Both are present, of course. For our past is not simple. There is both dark and light there….good and evil there….beauty and horror there. And the mixture tends to bother us, to the point that we conveniently rid ourselves of half of it. Some of us remember only the good stuff. We remember things as being better than they were. All the bad slipped out somewhere. Meanwhile, others of us remember only the bad stuff. We remember things as being worse than they were. When we weren’t paying attention, all the good slipped out somewhere. Both are oversimplifications. And clinging too tightly to an oversimplification is one of the better ways I know of becoming emotionally ill.

 

If you look at the past and say, “It was wonderful….there was no darkness there,” then you can’t help but wonder why the present never quite measures up. Why can’t my turkey ever taste like Mom’s? Why can’t our family table look like the one Norman Rockwell used to paint? Why do we have to sit here listening to Ritter on Thanksgiving Sunday….when, in years gone by, we could have listened to Thomas, Wright or Ward?

 

But if you look at the past and say, “It was terrible…there was no light back there,” then you are going to spend a disproportionate amount of time nursing old wounds, squeezing fresh pus from old abscesses, while downing two-for-one cocktails of shame and remorse. Eventually you end up as one of those people who never go outside without an upper-body sash, the one on which you pin your collection of injustices, hurts and grievances….positioned on the sash by date of occurrence or date of remembrance.

 

Both groups want to go home again. But each group remembers only half the directions. John Claypool writes: “To look exclusively at either the good or the bad is to have partial vision. Instead, we must come to terms with the fact that both dimensions exist, and accept them accordingly.” Claypool then goes on to suggest that Thanksgiving, as a season, can be of particular help to us here. For Thanksgiving involves looking back, with a sense of gratitude for all that is behind us. The danger, of course, is to reserve our gratitude for only those things that are pleasantly behind us.

 

For a number of years, I had reason to be concerned with a young woman who was feeling an intense amount of pain. Very little in her life was going well. Almost everything in her life was going poorly.
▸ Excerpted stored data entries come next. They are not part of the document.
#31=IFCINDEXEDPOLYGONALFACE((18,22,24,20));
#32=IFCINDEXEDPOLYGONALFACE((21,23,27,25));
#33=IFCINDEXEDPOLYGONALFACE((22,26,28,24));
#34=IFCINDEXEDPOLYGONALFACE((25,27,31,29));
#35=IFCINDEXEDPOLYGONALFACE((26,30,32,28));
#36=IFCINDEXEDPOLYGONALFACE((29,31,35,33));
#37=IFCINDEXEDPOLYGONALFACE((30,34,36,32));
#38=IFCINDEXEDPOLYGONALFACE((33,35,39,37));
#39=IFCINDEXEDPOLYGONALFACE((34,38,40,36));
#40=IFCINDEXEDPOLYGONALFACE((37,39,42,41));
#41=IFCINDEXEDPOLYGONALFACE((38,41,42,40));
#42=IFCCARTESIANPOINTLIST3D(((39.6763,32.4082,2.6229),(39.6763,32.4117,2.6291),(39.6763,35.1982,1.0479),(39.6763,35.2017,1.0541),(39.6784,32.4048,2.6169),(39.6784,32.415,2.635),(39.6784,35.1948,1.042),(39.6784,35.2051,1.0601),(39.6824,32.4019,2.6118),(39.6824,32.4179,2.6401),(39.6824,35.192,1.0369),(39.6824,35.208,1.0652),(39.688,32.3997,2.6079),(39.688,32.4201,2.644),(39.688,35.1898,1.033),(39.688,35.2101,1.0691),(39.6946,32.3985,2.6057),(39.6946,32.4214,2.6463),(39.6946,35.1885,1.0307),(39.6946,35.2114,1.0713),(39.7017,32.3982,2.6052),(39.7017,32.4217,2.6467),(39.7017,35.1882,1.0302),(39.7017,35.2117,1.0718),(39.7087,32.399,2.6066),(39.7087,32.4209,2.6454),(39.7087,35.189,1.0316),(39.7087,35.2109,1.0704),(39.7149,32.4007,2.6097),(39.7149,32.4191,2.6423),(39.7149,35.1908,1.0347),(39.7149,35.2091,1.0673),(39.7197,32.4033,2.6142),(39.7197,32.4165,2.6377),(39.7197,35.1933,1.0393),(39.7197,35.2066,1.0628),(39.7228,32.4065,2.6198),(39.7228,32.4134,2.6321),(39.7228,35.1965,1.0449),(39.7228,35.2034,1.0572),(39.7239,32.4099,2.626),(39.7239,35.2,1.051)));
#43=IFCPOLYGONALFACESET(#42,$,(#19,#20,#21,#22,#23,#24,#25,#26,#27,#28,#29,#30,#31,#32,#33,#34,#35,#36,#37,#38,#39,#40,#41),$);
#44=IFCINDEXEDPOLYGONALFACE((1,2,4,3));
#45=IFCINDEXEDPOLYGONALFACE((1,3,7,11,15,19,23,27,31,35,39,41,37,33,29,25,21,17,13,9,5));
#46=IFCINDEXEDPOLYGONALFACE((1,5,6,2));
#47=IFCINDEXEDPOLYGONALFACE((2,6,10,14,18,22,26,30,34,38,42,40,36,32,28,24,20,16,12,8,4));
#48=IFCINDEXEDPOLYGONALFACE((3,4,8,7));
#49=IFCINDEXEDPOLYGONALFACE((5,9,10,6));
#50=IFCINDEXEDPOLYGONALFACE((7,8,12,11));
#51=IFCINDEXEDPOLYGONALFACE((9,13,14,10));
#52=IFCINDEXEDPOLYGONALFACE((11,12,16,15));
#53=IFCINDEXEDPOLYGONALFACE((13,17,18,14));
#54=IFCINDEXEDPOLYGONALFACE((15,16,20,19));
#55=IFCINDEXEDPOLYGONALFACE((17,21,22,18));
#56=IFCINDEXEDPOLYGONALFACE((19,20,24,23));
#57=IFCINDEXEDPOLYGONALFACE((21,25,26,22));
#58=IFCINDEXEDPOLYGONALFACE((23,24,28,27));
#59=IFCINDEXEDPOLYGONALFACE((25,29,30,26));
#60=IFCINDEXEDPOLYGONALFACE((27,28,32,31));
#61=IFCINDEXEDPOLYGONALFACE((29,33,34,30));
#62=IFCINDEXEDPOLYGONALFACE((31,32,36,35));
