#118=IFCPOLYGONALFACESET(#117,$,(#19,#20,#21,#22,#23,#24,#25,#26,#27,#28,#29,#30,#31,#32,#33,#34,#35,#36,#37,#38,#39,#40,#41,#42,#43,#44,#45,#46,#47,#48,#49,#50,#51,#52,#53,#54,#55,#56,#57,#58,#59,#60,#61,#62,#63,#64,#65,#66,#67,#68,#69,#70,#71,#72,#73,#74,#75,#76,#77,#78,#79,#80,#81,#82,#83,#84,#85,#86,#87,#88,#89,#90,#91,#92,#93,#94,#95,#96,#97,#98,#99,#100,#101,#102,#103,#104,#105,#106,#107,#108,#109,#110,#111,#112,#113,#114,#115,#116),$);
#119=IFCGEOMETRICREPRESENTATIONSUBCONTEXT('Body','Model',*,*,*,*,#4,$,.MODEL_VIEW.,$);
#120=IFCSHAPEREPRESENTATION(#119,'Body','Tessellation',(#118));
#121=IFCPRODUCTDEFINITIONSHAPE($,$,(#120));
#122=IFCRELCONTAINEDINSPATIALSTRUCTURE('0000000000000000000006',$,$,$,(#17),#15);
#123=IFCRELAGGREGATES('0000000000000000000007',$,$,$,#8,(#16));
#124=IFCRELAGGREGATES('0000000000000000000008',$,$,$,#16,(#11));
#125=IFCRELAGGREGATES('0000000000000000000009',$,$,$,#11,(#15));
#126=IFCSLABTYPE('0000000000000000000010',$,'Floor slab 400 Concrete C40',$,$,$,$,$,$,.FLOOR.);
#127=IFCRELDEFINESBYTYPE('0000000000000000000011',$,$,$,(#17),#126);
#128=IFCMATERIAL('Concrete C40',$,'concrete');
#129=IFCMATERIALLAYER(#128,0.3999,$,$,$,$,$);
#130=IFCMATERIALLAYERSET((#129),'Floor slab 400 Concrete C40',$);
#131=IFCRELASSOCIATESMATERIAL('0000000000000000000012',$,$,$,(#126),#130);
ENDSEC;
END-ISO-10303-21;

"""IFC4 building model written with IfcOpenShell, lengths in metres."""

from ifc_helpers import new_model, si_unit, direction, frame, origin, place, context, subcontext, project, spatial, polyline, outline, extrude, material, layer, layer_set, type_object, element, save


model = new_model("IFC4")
Her story would have confounded Robert Schuller. On more than one occasion she cried out, usually to me, that she had experienced enough hell to know that she would rather not experience any more. But in an effort to address her problems, she tried one quick-fix method after another. None of which worked for very long. Occasionally she tried the slow-fix method known as therapy. Which might have worked, had she stayed with it. But she never did. Three or four weeks into each program, she would get a pretty good inkling as to where the process was going and what she would soon be facing. To which she would say: “I’m afraid to look at it. Twice before I tried and had to quit.”

 

So she never saw it through. And whatever it was she couldn’t face in the past, ultimately consumed her in the present. Which explains why she died.

 

Contrast her story with that of a girl named Alice, about whom Keith Miller writes in a book appropriately titled Habitation of Dragons.

 

When I was a little girl, I was put in an orphanage. It wasn’t pretty. But, then, I wasn’t pretty. No one wanted me. I can recall longing to be adopted by a family. I thought about it day and night. I even got close a couple of times. But something always seemed to go wrong. My social worker said I was trying too hard. People would come to look me over and, without meaning to, I would say or do something to drive them away. Then, one day, I was told that a family was coming to take me home. I was so excited that I jumped up and down and cried. My social worker told me it might not be permanent, but there was no way I was able to hear that.

 

One day, a few months later, I skipped home from school to the big, old house where we lived. I saw my battered suitcase sitting by the door. One look at the suitcase and I knew. They didn’t want me. This happened to me seven times before I was 13 years old.

 

As Keith Miller described it, the group reached out to her, trying to do whatever they could for her. Finally she said: “Look, don’t feel sorry for me. You see, I needed my past. It’s part of what led me to God.”

 

Putting his finger on Alice’s point is an old North Carolina hero of mine by the name of Carlyle Marney. He, too, talked about the need to tell the darker truths of one’s own story. Except that Marney did not stop with that grim prospect. He suggested that if this is all one does, one may very well drown in the dirty waters of self-deprecation. “Instead,” he said, “what is needed alongside an awareness of original sin, is an equally-powerfully awareness of original love.”

 

I like that. I’m not entirely sure what it means. I suppose it means that we need to give equal time to the good things that have happened to us. For we have been loved and looked after throughout our lives. From the beginning to the present….when we have been naked and bloody, dirty and of little apparent beauty….we have been picked up, cleaned up, washed up and held. For all the slights and cruelties that we have endured, there have also been ways….equally real and equally tangible….that “goodness and mercy have followed us all the days of our lives.” And at this point in his argument, Marney’s words become beautiful indeed.

 

It is from this point….if we can get to this point….that we begin to make peace with a culture that spawned us, with a mommy and daddy who shaped and mis-shaped us, and with the institutions which blessed and distorted us. We can go through home again. And we can accept whatever stuff God had at his disposal in making us.

 

Thomas Wolfe was wrong. We can go back home again. Not to stay. But to visit….so that we can leave on better terms than we left before. We pass through home, the better to see it with what the Bible calls “second sight.”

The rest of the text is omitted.